A systematic review of security and privacy issues in the internet of medical things; the role of machine learning approaches.

作者信息

Hameed Shilan S, Hassan Wan Haslina, Abdul Latiff Liza, Ghabban Fahad

机构信息

Malaysia-Japan International Institute of Technology (MJIIT), Universiti Teknologi Malaysia, Kuala Lumpur, Malaysia.

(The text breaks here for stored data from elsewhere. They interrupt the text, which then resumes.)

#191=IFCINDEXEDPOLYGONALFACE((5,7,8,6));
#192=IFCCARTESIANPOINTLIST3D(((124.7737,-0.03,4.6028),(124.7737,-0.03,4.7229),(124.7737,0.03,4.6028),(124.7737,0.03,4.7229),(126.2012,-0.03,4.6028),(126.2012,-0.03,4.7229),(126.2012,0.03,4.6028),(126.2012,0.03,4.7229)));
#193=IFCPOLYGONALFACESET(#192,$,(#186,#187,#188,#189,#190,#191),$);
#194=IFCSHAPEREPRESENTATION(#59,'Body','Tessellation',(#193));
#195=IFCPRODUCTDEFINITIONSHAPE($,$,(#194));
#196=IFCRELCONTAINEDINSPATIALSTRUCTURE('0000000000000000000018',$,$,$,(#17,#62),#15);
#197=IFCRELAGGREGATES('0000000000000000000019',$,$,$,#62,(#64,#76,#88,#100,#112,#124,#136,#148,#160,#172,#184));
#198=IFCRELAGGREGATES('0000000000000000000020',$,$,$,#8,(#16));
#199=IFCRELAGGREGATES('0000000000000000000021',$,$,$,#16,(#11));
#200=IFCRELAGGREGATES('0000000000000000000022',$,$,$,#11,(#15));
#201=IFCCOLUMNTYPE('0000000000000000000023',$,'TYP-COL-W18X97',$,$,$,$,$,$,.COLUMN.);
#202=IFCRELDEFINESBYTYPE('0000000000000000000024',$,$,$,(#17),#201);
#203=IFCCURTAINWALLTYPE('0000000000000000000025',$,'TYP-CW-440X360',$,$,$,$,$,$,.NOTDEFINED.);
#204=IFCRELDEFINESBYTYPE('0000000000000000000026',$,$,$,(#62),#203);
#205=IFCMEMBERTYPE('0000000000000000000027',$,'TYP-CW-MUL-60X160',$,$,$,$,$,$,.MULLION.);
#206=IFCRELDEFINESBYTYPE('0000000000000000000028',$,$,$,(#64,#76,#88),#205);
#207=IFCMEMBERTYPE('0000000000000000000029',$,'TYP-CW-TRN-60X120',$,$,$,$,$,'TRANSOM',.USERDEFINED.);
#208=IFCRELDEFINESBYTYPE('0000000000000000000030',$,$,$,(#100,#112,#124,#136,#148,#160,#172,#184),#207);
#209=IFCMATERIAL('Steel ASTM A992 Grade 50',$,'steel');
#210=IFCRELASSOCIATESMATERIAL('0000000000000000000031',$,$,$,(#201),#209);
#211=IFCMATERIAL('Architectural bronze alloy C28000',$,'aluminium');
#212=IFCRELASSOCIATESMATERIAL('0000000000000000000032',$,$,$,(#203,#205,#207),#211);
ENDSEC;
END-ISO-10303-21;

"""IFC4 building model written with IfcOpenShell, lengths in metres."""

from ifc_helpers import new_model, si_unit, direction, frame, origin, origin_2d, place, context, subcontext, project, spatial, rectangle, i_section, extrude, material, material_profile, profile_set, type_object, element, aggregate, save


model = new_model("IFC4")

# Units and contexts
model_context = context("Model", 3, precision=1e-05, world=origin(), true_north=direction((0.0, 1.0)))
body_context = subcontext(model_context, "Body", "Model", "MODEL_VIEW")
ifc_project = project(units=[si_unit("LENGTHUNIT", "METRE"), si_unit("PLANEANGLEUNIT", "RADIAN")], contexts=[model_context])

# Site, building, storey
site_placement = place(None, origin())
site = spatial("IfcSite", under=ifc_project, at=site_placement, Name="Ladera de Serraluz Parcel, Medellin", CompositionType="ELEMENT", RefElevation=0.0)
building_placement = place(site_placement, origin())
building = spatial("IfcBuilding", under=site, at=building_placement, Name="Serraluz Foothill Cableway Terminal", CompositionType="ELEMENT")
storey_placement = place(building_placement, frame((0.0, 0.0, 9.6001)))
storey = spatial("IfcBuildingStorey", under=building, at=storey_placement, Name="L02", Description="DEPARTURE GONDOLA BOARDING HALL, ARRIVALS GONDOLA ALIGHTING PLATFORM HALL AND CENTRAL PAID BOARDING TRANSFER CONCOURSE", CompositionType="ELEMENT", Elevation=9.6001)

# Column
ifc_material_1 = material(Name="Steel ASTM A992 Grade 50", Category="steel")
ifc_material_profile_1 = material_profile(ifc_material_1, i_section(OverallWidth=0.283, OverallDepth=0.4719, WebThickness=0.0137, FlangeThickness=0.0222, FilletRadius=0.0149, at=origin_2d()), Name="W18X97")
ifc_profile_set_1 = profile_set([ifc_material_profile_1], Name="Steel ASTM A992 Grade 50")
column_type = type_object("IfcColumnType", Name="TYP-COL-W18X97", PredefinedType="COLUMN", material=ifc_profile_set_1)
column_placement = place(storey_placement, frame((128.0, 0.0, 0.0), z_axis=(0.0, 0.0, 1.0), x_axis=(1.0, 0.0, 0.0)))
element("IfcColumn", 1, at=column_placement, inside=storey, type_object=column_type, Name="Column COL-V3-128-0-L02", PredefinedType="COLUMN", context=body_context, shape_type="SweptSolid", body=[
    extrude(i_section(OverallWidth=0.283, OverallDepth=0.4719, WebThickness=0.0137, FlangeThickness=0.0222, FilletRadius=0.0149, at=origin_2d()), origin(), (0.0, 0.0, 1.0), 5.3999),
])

Directorate of Information Technology, Koya University, Koya, Kurdistan Region, Iraq.

出版信息

PeerJ Comput Sci. 2021 Mar 23;7:e414. doi: 10.7717/peerj-cs.414. eCollection 2021.

Abstract

BACKGROUND

The Internet of Medical Things (IoMTs) is gradually replacing the traditional healthcare system. However, little attention has been paid to their security requirements in the development of the IoMT devices and systems. One of the main reasons can be the difficulty of tuning conventional security solutions to the IoMT system. Machine Learning (ML) has been successfully employed in the attack detection and mitigation process. Advanced ML technique can also be a promising approach to address the existing and anticipated IoMT security and privacy issues. However, because of the existing challenges of IoMT system, it is imperative to know how these techniques can be effectively utilized to meet the security and privacy requirements without affecting the IoMT systems quality, services, and device's lifespan.

METHODOLOGY

This article is devoted to perform a Systematic Literature Review (SLR) on the security and privacy issues of IoMT and their solutions by ML techniques. The recent research papers disseminated between 2010 and 2020 are selected from multiple databases and a standardized SLR method is conducted. A total of 153 papers were reviewed and a critical analysis was conducted on the selected papers. Furthermore, this review study attempts to highlight the limitation of the current methods and aims to find possible solutions to them. Thus, a detailed analysis was carried out on the selected papers through focusing on their methods, advantages, limitations, the utilized tools, and data.

RESULTS

It was observed that ML techniques have been significantly deployed for device and network layer security. Most of the current studies improved traditional metrics while ignored performance complexity metrics in their evaluations. Their studies environments and utilized data barely represent IoMT system. Therefore, conventional ML techniques may fail if metrics such as resource complexity and power usage are not considered.

摘要

背景

医疗物联网(IoMTs)正在逐渐取代传统的医疗保健系统。然而,在IoMT设备和系统的开发过程中,人们对其安全要求关注甚少。其中一个主要原因可能是难以将传统的安全解决方案调整到IoMT系统。机器学习(ML)已成功应用于攻击检测和缓解过程。先进的ML技术也可能是解决现有和预期的IoMT安全与隐私问题的一种有前途的方法。然而,由于IoMT系统存在的挑战,必须了解如何有效利用这些技术来满足安全与隐私要求,同时又不影响IoMT系统的质量、服务和设备寿命。

方法

本文致力于对IoMT的安全与隐私问题及其通过ML技术的解决方案进行系统文献综述(SLR)。从多个数据库中选取2010年至2020年期间发表的近期研究论文,并采用标准化的SLR方法。共审查了153篇论文,并对所选论文进行了批判性分析。此外,本综述研究试图突出当前方法的局限性,并旨在找到可能的解决方案。因此,通过关注所选论文的方法、优点、局限性、使用的工具和数据,对其进行了详细分析。

结果

据观察,ML技术已大量应用于设备和网络层安全。当前大多数研究在评估中改进了传统指标,却忽略了性能复杂性指标。它们的研究环境和使用的数据几乎不能代表IoMT系统。因此,如果不考虑资源复杂性和功耗等指标,传统的ML技术可能会失败。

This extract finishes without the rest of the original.